Pasteur à Tsokar, Ladakh (Photo par Shrishtee Bajpai)
« Nous avons des esprits gardiens partout. Nos pâturages, sources, terres, montagnes, neige et animaux sont tous protégés par eux ». Ces luttes et articulations affirment que nous devons accorder beaucoup plus d’attention au « lieu », à connaître nos propres territoires et à raconter leurs histoires, à les défendre et à les restaurer. Je me suis interrogé sur ma propre place dans la compréhension de ces luttes et dans la solidarité. Pourquoi est-ce important pour moi de le faire ?
Je suis motivé par un sentiment d’urgence et la recherche de mon propre sentiment d’appartenance. Ces visions du monde reflètent la solidarité qui unit tous les humains et les plus-que-humains. Ces luttes sont politiques et ont un caractère sacré, un respect pour la nature articulé sous forme de rituels et de prières. Ils contestent le remplacement du langage de l’animation par un langage qui objective la nature comme sans vie et inanimée – sans doute l’impact le plus destructeur de l’impérialisme linguistique. Ces visions du monde révèlent qu’il n’y a pas de définition unique du bien-être ou de la bonne vie, ou comme le dirait feu l’intellectuel non professionnel Gustavo Esteva : « Nos différences façonnent notre existence. Notre pluralisme radical nous définit. Nous devons créer des coalitions d’apprentissage entre nous.
Ils nous montrent les possibilités. Ils nous montrent les chemins. Une conviction que nous pouvons raviver notre lien au lieu et notre enracinement.

Des manifestants se rassemblent pour défendre la forêt d’Aarey, juillet 2022 (Photo : Zoru Bhathena Twitter @ zoru75)
En juillet de cette année, dans la ville de Mumbai (l’un des centres les plus commercialisés et urbanisés d’Inde), où je vis actuellement, j’ai participé à une manifestation citoyenne pour protéger le droit des forêts à exister. La forêt urbaine de 1 800 acres appelée Aarey dans la banlieue entourée de structures en béton, qui abrite plus de 300 espèces de flore et de faune et 27 villages tribaux, est sanctionnée pour un hangar Metro-Car.
Lorsque je me suis tenu aux côtés de mes concitoyens dans une manifestation pacifique contre cet écocide, j’ai retrouvé mon enracinement et compris pourquoi il est essentiel d’œuvrer à ce qui nous unit. Protéger nos paysages – forêts, rivières, zones humides, leurs communautés dépendantes et leurs droits d’exister – est notre responsabilité en tant qu’êtres humains vis-à-vis de notre place sur Terre.

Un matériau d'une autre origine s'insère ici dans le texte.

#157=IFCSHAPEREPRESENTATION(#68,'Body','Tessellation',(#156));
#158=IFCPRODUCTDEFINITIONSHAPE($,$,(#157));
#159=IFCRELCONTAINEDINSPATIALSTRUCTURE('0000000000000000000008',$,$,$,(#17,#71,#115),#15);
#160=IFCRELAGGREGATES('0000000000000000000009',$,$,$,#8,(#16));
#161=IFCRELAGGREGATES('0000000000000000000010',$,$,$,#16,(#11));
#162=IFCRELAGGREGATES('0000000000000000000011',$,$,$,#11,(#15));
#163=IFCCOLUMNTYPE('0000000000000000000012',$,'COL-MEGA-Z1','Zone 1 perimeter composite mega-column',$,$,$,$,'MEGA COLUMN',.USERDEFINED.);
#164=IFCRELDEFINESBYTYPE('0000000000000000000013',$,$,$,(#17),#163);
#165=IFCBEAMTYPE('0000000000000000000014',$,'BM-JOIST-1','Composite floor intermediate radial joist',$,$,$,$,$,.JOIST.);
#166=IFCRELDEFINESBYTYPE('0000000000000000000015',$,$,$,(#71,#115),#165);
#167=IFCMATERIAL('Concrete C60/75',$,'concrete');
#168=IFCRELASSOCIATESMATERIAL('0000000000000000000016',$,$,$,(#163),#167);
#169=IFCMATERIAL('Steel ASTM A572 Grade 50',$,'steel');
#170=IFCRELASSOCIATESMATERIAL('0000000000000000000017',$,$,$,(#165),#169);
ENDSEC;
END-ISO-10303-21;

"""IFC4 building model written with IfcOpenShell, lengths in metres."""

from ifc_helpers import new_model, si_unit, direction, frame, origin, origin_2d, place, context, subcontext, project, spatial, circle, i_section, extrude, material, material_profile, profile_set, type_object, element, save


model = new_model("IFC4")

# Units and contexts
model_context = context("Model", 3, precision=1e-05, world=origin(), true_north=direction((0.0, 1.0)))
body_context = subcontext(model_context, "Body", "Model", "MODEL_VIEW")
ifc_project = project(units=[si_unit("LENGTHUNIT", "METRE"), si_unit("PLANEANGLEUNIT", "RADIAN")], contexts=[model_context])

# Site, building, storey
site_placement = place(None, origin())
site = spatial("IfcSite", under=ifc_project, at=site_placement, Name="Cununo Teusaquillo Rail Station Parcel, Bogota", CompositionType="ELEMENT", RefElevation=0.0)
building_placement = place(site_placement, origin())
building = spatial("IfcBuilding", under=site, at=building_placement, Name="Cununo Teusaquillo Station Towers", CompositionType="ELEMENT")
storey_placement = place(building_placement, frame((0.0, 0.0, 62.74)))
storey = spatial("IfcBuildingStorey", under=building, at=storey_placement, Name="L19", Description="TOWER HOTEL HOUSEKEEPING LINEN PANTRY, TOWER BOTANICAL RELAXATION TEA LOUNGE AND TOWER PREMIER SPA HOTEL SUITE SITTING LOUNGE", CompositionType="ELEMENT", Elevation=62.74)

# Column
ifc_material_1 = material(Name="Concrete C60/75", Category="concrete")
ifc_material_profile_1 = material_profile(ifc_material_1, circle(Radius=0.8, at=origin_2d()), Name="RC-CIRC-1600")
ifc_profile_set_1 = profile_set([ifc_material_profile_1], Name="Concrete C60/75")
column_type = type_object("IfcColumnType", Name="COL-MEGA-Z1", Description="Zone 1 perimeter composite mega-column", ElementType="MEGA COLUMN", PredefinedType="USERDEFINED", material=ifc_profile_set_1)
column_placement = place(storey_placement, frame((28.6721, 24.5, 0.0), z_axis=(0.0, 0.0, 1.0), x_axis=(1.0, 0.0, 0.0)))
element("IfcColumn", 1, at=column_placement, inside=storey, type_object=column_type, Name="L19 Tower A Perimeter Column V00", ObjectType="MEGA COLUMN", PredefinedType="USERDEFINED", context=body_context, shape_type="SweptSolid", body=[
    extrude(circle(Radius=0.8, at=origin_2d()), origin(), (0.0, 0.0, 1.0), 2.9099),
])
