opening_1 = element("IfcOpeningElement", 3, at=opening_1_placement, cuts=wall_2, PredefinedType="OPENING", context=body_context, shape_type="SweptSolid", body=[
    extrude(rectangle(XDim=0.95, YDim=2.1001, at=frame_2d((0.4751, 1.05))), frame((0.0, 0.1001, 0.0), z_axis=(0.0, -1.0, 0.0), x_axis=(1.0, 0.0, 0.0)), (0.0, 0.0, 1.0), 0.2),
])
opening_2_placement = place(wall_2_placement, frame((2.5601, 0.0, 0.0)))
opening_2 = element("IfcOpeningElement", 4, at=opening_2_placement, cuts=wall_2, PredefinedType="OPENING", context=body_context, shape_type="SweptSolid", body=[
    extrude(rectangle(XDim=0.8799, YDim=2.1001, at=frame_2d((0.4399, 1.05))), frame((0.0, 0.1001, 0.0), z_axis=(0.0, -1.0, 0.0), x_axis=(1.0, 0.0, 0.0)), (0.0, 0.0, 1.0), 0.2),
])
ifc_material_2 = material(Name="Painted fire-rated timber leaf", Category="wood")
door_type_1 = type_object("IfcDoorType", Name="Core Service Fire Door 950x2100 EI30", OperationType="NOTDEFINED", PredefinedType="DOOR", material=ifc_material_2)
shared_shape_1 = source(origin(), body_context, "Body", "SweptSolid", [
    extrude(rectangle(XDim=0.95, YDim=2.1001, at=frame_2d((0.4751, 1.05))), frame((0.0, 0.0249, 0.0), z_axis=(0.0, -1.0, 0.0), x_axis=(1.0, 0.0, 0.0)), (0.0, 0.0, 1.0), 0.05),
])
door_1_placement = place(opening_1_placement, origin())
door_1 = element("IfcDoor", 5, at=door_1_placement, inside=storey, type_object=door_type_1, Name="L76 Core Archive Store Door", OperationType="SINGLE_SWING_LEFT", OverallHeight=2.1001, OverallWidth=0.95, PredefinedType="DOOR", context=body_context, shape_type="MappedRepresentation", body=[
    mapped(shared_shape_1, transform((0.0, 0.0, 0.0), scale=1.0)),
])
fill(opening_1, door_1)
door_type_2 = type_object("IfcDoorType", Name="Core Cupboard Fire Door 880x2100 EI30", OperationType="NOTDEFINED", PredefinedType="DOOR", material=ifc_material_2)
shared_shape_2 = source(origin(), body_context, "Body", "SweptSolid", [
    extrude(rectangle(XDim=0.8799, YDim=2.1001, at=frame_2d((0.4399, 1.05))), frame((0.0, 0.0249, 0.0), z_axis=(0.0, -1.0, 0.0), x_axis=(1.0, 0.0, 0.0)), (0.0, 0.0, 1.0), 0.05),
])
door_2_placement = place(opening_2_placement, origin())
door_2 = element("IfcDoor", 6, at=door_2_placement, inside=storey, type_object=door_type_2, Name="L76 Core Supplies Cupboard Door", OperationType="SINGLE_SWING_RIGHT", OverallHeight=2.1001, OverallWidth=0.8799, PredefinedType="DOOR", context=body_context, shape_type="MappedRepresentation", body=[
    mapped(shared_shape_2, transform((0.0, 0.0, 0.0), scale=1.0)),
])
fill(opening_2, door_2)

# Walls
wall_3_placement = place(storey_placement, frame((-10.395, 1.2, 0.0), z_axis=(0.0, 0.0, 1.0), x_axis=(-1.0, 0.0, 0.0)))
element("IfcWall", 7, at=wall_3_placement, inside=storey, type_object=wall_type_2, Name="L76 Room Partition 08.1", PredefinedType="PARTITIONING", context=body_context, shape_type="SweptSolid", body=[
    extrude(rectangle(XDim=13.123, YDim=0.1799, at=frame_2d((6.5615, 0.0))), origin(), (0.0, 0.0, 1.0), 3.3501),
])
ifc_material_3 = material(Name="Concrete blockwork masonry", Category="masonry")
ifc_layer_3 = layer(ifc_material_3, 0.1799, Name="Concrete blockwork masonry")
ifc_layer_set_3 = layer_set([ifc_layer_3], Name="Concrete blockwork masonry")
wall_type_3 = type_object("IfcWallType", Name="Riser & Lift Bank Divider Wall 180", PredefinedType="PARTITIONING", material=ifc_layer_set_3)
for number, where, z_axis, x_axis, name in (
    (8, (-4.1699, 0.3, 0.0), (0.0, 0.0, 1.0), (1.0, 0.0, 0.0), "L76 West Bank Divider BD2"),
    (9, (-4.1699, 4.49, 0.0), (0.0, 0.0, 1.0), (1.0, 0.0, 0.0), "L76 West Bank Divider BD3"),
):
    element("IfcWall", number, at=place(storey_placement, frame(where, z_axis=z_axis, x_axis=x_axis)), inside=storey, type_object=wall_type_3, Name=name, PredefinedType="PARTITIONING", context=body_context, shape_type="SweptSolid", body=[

Honorer la coopération plutôt que la compétition, résister à l’empire cognitif occidental rationnel, mécaniste, extractif et utilitaire, et reconnaître le monde naturel comme des personnes, des esprits et des divinités avec une agence qui leur est propre, nous aide à transcender les excès de l’Anthropocène et offre des voies pour avenir.
Vivant dans une ville, entourée de plus de béton que de nature, j’essaie de me rappeler de m’arrêter et de regarder autour de moi; prêter attention à ces vestiges de forêts urbaines, de lacs et de rivières ; aux plantes de mon balcon; aux arbres qui changent de couleur; les étourneaux qui tournoient dans le ciel d’hiver ou les flamants roses qui pullulent dans les vasières après leur long voyage, et de savoir qui et quoi les soutient. Honorer le monde plus qu’humain qui nous entoure, regarder avec admiration, se souvenir de notre interdépendance, écouter les communautés qui luttent et protéger le monde vivant et aider leurs voix à se faire entendre dans les couloirs du pouvoir peuvent être nos petits débuts pour devenir les gardiens de la vie.